High: Carbs, Fiber, Mang, Sugar, Vitamin C...

Low: Vitamine B12, protein, selenium, Fat...

In [None]:
two = pd.Series(vects[1], index=df.columns)
two.sort_values(ascending=True)

**Component three**

High: calories, fat, carbs, sugar...

Low: vitamin A, vitamin C, folate, copper...

In [None]:
three = pd.Series(vects[2], index=df.columns)
three.sort_values(ascending=False)

**Component four**

High: vitamin A, vitamin E, fat, sugar, calcium, vitamin B12, calories...

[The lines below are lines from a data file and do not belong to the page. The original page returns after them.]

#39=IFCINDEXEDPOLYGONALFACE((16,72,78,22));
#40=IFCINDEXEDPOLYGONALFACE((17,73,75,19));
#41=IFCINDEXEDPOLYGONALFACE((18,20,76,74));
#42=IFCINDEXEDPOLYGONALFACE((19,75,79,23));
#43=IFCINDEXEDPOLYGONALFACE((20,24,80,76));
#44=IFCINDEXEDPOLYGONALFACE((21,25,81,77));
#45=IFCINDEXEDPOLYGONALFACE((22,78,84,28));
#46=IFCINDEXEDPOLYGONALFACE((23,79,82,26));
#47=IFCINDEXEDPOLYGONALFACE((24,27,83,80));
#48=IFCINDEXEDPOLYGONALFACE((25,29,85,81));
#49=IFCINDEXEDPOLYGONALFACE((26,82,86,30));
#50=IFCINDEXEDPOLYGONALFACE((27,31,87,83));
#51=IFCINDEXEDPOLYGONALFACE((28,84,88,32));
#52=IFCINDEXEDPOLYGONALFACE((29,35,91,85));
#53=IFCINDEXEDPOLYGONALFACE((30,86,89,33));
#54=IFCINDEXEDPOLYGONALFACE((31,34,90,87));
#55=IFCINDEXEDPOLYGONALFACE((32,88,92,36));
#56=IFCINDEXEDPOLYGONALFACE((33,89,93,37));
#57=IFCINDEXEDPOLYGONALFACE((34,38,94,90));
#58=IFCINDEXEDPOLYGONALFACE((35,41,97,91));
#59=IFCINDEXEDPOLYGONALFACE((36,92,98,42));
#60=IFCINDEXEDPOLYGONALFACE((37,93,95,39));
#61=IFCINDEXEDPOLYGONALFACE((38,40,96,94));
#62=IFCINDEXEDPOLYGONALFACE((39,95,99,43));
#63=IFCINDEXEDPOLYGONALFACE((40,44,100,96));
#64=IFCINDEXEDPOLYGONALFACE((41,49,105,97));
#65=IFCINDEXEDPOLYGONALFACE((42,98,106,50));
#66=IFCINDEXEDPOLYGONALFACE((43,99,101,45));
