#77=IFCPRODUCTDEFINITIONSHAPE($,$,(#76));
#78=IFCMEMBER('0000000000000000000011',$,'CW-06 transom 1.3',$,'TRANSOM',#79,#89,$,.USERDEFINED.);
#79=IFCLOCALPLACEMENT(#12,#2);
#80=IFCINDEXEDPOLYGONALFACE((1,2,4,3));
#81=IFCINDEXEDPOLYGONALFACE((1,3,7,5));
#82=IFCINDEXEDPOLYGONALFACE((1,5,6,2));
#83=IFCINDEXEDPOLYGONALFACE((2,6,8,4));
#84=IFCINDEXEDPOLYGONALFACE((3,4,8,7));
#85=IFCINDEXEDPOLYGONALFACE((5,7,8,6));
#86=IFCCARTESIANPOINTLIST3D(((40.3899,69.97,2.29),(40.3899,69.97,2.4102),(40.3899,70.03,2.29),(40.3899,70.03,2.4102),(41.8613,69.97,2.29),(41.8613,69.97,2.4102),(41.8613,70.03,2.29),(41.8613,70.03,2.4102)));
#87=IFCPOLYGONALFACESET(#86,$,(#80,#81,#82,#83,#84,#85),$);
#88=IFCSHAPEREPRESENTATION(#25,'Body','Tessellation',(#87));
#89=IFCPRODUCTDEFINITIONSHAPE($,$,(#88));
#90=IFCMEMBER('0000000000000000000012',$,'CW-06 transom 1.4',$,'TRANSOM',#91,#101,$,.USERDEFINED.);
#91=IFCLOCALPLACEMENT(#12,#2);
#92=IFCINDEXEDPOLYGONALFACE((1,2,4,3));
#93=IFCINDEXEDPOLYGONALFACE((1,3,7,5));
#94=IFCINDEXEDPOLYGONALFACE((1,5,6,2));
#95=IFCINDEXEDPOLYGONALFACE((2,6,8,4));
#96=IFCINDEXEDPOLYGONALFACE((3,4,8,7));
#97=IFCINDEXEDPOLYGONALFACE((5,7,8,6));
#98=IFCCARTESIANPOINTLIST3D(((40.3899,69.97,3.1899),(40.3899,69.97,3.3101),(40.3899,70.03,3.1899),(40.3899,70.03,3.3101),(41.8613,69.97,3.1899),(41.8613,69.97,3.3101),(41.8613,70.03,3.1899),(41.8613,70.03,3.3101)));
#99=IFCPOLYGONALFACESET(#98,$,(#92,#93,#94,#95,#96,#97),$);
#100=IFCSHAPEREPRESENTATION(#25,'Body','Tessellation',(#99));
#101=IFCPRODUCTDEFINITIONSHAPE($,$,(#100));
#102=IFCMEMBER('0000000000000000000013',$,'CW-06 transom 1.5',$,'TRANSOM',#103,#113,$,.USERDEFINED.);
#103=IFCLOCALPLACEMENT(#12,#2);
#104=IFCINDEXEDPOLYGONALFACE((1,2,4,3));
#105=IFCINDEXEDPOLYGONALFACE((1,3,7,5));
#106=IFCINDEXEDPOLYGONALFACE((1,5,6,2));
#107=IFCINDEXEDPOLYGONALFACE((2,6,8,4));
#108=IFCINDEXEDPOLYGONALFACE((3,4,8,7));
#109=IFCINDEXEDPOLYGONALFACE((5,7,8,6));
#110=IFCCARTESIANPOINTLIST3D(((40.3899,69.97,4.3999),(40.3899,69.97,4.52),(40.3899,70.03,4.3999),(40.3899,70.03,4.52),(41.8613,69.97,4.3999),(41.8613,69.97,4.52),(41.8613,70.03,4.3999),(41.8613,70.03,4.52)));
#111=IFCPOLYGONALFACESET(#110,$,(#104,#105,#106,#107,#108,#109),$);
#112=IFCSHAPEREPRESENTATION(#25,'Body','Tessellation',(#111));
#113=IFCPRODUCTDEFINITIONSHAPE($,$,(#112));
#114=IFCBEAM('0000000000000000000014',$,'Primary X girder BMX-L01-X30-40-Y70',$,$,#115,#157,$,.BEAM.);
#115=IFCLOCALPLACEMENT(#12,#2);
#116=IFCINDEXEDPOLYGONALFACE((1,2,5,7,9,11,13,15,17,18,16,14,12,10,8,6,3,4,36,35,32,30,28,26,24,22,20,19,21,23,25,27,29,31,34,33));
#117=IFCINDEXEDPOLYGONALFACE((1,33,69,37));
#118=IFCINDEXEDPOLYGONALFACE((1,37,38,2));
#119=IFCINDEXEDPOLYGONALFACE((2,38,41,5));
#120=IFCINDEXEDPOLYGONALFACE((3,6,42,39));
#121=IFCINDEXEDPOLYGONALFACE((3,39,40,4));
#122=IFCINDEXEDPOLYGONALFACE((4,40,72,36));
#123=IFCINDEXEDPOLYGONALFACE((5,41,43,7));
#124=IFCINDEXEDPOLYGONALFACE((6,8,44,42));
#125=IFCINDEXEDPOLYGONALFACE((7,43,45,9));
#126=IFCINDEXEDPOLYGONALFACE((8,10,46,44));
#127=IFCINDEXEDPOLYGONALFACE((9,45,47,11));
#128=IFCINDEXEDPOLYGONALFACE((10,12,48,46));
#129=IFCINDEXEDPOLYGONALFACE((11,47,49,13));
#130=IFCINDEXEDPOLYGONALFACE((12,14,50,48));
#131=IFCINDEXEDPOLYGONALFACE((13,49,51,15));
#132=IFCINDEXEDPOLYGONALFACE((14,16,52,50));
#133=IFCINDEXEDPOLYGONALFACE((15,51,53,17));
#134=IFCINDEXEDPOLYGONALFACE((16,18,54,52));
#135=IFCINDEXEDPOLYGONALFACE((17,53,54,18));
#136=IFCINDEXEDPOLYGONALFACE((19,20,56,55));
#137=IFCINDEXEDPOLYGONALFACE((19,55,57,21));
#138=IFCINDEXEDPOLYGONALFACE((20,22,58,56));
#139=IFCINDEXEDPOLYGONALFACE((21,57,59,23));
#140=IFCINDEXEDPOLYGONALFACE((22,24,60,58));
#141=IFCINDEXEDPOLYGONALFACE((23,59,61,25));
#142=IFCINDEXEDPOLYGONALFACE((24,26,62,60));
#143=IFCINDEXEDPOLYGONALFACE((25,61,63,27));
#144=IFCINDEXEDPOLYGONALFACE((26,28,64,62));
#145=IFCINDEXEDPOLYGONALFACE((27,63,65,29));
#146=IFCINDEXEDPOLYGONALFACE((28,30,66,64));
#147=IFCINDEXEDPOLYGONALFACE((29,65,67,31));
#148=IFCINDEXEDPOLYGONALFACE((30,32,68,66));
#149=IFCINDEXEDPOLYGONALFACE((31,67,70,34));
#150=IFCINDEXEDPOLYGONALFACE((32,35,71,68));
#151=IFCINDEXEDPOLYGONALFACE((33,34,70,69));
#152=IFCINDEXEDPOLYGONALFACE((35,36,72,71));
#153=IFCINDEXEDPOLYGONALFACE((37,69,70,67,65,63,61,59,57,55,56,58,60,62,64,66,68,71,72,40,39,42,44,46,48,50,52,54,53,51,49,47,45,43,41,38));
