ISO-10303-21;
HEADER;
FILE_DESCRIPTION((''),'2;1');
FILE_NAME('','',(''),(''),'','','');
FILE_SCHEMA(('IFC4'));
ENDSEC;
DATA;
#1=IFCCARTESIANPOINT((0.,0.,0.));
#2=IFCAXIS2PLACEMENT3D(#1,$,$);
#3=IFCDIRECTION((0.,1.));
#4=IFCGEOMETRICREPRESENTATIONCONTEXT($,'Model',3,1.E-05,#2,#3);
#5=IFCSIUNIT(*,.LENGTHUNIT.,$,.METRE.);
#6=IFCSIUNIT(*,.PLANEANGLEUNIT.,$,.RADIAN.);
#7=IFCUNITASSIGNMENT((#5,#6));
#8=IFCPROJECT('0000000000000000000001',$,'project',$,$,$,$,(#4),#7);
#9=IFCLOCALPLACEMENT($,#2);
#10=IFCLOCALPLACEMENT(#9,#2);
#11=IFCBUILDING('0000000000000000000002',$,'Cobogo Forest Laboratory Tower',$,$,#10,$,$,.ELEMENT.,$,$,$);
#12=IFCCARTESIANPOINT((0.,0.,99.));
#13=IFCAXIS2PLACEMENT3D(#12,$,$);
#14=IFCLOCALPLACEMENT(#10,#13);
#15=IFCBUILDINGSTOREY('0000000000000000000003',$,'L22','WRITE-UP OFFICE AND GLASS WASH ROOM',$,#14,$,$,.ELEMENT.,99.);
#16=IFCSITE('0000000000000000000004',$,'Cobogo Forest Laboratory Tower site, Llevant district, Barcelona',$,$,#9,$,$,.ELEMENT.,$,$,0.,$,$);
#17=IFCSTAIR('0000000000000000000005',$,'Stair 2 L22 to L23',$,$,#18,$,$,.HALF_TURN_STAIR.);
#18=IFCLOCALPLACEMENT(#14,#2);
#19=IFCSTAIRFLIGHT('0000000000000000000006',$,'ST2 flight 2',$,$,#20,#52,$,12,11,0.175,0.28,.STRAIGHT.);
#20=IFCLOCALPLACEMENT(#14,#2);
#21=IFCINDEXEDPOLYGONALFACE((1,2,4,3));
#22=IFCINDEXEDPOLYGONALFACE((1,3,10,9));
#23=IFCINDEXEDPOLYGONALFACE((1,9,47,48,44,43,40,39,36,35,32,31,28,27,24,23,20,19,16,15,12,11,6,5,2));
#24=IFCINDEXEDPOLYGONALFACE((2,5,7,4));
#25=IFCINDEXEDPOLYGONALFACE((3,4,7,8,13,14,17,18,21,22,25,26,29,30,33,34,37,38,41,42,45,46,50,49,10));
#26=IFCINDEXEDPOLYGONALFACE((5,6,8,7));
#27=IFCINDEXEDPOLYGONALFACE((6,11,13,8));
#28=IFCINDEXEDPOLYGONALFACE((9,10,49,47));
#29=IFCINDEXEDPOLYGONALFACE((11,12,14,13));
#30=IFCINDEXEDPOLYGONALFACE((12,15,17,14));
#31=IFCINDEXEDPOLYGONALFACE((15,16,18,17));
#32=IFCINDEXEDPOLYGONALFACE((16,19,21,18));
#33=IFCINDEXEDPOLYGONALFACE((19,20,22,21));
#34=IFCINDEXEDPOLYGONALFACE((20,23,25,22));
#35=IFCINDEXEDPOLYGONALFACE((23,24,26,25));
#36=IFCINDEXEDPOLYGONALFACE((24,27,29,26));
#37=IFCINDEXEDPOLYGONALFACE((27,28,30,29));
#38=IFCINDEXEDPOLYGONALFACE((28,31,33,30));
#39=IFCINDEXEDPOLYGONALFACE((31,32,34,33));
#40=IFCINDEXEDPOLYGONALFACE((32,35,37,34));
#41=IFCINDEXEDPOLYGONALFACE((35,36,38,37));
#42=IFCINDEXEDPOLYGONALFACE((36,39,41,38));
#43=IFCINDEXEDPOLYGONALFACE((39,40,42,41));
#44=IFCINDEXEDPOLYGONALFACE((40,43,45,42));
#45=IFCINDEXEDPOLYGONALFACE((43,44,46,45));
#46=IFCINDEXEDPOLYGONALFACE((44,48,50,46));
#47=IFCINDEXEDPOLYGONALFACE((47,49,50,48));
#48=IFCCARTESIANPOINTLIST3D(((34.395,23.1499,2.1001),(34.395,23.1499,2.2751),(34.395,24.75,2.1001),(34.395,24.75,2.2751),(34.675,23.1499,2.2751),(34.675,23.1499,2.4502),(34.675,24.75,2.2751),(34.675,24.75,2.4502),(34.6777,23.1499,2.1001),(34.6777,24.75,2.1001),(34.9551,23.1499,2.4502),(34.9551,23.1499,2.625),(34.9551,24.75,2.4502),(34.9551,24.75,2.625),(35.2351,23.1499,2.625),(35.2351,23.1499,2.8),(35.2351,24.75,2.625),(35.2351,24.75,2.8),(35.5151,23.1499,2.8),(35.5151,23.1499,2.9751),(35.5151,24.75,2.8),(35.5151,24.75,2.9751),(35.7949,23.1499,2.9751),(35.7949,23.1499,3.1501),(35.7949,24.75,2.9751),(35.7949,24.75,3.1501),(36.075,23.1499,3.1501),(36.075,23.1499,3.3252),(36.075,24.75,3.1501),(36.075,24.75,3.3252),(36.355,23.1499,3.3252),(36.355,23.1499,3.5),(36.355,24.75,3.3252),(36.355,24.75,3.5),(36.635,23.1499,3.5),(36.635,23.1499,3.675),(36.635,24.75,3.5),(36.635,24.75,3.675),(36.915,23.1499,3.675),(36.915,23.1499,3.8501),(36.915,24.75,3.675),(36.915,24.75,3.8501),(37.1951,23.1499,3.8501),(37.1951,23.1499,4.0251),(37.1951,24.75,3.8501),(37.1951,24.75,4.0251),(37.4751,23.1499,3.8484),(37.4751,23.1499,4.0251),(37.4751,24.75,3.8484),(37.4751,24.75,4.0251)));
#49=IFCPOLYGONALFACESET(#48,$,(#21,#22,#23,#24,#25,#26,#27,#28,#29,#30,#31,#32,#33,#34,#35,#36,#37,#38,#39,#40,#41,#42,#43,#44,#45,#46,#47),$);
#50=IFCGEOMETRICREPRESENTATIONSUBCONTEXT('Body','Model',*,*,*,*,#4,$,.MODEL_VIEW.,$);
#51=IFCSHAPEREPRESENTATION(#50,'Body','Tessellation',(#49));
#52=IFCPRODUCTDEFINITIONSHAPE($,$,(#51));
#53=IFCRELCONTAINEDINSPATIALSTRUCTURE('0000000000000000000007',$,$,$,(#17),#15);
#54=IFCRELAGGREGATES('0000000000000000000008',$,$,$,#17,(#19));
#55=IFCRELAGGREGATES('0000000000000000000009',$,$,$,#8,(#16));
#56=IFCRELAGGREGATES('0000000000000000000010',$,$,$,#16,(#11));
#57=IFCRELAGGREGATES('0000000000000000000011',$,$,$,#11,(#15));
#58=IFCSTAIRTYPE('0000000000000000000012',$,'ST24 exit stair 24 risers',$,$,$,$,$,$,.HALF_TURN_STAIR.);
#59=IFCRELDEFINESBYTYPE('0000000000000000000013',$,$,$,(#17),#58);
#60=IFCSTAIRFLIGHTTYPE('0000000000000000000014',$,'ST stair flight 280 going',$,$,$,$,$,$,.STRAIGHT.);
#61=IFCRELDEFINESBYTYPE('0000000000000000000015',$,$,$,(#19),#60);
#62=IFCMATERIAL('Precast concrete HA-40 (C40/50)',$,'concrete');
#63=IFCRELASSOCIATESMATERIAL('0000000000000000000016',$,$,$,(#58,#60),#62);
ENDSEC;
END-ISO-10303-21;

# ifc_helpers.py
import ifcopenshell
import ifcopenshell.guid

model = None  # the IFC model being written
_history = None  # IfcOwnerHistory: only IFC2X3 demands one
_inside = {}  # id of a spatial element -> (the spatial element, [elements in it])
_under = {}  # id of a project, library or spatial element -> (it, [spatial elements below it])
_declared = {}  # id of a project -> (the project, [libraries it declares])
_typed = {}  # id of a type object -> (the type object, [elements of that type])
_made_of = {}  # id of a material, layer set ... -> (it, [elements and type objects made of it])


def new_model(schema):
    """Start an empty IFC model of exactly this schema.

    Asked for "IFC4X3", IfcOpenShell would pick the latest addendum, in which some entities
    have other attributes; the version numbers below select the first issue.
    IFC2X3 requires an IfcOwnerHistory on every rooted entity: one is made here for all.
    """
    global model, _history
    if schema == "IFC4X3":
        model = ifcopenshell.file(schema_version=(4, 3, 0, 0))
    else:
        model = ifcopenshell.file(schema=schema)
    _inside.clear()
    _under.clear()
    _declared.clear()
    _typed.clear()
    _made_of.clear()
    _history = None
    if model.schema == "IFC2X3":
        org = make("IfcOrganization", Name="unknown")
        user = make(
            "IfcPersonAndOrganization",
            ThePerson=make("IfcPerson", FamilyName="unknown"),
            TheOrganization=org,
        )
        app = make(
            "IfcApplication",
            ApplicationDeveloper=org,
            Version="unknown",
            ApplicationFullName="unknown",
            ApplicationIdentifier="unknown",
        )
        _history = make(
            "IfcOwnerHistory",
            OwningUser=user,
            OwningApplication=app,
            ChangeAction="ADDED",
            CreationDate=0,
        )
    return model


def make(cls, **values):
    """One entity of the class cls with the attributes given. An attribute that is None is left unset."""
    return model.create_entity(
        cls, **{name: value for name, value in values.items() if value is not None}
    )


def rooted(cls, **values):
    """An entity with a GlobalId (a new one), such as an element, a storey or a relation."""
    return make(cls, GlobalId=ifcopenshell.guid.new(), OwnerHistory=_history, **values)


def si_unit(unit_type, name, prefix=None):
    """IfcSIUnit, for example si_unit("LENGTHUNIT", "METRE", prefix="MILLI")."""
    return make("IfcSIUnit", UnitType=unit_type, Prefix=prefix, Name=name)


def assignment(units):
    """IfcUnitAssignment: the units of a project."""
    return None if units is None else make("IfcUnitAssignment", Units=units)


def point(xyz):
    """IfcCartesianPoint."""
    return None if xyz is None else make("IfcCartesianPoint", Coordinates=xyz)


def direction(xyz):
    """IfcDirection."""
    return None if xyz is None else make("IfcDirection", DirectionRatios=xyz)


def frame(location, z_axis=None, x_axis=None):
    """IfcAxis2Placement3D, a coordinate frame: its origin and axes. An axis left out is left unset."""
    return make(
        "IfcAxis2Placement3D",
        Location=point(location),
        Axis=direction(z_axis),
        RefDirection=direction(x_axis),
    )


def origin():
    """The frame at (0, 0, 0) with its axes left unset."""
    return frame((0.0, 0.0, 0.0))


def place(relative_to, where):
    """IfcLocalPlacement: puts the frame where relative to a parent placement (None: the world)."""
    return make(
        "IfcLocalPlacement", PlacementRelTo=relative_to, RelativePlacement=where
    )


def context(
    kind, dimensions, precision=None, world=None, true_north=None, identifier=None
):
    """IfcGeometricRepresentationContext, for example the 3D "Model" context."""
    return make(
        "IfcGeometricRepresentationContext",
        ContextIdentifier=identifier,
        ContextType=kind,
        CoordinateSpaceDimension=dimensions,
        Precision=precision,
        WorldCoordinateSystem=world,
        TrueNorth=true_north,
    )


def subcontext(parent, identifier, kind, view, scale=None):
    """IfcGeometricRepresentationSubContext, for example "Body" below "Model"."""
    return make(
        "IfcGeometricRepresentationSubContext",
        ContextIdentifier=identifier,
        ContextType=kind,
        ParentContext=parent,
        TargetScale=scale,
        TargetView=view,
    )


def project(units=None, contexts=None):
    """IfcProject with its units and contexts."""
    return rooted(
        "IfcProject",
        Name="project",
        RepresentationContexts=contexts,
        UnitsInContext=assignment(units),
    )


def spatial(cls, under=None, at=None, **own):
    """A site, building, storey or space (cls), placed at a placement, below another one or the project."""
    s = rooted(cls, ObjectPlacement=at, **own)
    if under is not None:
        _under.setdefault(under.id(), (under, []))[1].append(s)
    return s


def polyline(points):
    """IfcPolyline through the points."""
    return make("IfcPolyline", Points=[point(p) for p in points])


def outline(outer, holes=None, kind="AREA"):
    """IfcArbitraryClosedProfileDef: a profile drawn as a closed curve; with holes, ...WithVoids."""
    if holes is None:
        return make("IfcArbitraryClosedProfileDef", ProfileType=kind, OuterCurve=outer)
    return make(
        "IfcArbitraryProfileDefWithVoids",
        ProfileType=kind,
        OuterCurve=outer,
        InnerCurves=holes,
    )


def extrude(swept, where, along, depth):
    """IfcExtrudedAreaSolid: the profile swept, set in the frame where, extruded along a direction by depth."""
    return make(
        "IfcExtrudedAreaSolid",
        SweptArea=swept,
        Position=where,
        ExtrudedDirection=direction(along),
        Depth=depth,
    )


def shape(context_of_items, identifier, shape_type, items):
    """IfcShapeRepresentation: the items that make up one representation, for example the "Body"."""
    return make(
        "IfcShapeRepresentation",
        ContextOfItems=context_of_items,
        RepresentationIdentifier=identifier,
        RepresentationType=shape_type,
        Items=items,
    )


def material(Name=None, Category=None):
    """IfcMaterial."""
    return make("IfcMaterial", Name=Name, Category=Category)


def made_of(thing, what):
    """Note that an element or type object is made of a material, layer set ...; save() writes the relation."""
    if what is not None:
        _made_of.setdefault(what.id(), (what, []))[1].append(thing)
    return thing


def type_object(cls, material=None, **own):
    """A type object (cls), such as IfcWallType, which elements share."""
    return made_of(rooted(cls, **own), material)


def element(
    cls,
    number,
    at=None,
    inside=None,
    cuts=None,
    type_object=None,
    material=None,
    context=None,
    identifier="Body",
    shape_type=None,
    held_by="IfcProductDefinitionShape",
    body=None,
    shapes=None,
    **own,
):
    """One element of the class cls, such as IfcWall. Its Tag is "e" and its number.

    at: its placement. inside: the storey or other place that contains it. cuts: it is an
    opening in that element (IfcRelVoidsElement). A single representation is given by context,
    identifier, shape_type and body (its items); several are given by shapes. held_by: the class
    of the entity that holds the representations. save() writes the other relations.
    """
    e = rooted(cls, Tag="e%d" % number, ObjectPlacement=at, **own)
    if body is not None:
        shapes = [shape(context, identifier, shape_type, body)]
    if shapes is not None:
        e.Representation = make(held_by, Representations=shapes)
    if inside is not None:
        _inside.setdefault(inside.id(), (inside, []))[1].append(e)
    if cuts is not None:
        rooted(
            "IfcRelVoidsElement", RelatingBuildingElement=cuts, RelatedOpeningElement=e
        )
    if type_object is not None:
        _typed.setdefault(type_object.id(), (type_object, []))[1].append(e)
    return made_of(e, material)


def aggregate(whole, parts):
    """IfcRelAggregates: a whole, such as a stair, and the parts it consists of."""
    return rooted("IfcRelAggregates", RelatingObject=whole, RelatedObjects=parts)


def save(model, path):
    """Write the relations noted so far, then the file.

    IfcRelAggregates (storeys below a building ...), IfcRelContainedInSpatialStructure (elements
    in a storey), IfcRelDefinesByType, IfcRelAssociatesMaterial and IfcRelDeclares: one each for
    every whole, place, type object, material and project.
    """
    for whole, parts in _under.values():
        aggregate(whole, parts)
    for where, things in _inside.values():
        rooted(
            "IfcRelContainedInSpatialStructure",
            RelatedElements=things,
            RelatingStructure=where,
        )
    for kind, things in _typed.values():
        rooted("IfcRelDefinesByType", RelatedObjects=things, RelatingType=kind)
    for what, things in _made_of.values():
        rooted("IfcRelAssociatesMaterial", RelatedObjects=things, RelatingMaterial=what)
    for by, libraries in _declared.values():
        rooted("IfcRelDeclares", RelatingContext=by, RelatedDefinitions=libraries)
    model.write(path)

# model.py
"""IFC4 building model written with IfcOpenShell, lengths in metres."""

from ifc_helpers import new_model, si_unit, direction, frame, origin, place, context, subcontext, project, spatial, polyline, outline, extrude, material, type_object, element, aggregate, save


model = new_model("IFC4")

# Units and contexts
model_context = context("Model", 3, precision=1e-05, world=origin(), true_north=direction((0.0, 1.0)))
body_context = subcontext(model_context, "Body", "Model", "MODEL_VIEW")
ifc_project = project(units=[si_unit("LENGTHUNIT", "METRE"), si_unit("PLANEANGLEUNIT", "RADIAN")], contexts=[model_context])

# Site, building, storey
site_placement = place(None, origin())
site = spatial("IfcSite", under=ifc_project, at=site_placement, Name="Cobogo Forest Laboratory Tower site, Llevant district, Barcelona", CompositionType="ELEMENT", RefElevation=0.0)
building_placement = place(site_placement, origin())
building = spatial("IfcBuilding", under=site, at=building_placement, Name="Cobogo Forest Laboratory Tower", CompositionType="ELEMENT")
storey_placement = place(building_placement, frame((0.0, 0.0, 99.0)))
storey = spatial("IfcBuildingStorey", under=building, at=storey_placement, Name="L22", Description="WRITE-UP OFFICE AND GLASS WASH ROOM", CompositionType="ELEMENT", Elevation=99.0)

# Stair, stair flight
ifc_material_1 = material(Name="Precast concrete HA-40 (C40/50)", Category="concrete")
stair_type = type_object("IfcStairType", Name="ST24 exit stair 24 risers", PredefinedType="HALF_TURN_STAIR", material=ifc_material_1)
stair_placement = place(storey_placement, origin())
stair = element("IfcStair", 1, at=stair_placement, inside=storey, type_object=stair_type, Name="Stair 2 L22 to L23", PredefinedType="HALF_TURN_STAIR")
stair_flight_type = type_object("IfcStairFlightType", Name="ST stair flight 280 going", PredefinedType="STRAIGHT", material=ifc_material_1)
stair_flight_1_placement = place(storey_placement, frame((34.395, 23.95, 2.1001), z_axis=(0.0, 0.0, 1.0), x_axis=(1.0, 0.0, 0.0)))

Low: manganese, copper, iron, magnesium, fiber

In [None]:
four = pd.Series(vects[3], index=df.columns)
four.sort_values(ascending=False)

** Component five**

High: riboflavin, thiamin, niacin, sugar, vitB6, vitC, vitB12...

Low: manganese, copper, fat, vitE, calories, magnesium

In [None]:
five = pd.Series(vects[4], index=df.columns)
five.sort_values(ascending=False)

In [None]:
## Now let's look at which food groups are highest in each component (1)

In [None]:
pca

In [None]:
pca.sort_values(by='c1')['FoodGroup'][:500].value_counts()

In [None]:
pca.sort_values(by='c2')['FoodGroup'][:500].value_counts()

In [None]:
pca.sort_values(by='c3')['FoodGroup'][:500].value_counts()

In [None]:
pca.sort_values(by='c4')['FoodGroup'][:500].value_counts()

In [None]:
pca.sort_values(by='c5')['FoodGroup'][:500].value_counts()

# What About Other Ways?

In [None]:
# from sklearn.decomposition import PCA
fit_2 = PCA(n_components=2)
pca_2 = fit_2.fit_transform(df_TF)
pca_2

fit_7 = PCA(n_components=7)
pca_7 = fit_7.fit_transform(df_TF)
pca_7

In [None]:
# Create a new dataset from principal components 
df = pd.DataFrame(data = pca_2, 
                  columns = ['PC1', 'PC2'])


df_7 = pd.DataFrame(data = pca_7, 
                  columns = ['PC1', 'PC2','PC3','PC4','PC5','PC6','PC7'])

# target = pd.Series(iris['target'], name='target')

# result_df = pd.concat([df, target], axis=1)
# result_df.head(5)

In [None]:
df_desc = pd.DataFrame(df_desc)
food_2 = df.join(df_desc)

display(food_2)

food_7 = df_7.join(df_desc)

#display(food_7)


In [None]:
sns.scatterplot("PC3", "PC2", hue = "FoodGroup", data = food_7)

plt.legend(bbox_to_anchor=(1.05, 1), loc=2, borderaxespad=0.)

In [None]:
food_7

## Your Turn !

Import in the iris dataset found in this directory.
Go through the steps of PCA in the next 15 minutes to see if you can extract differences between the groups of flowers based on their physical features.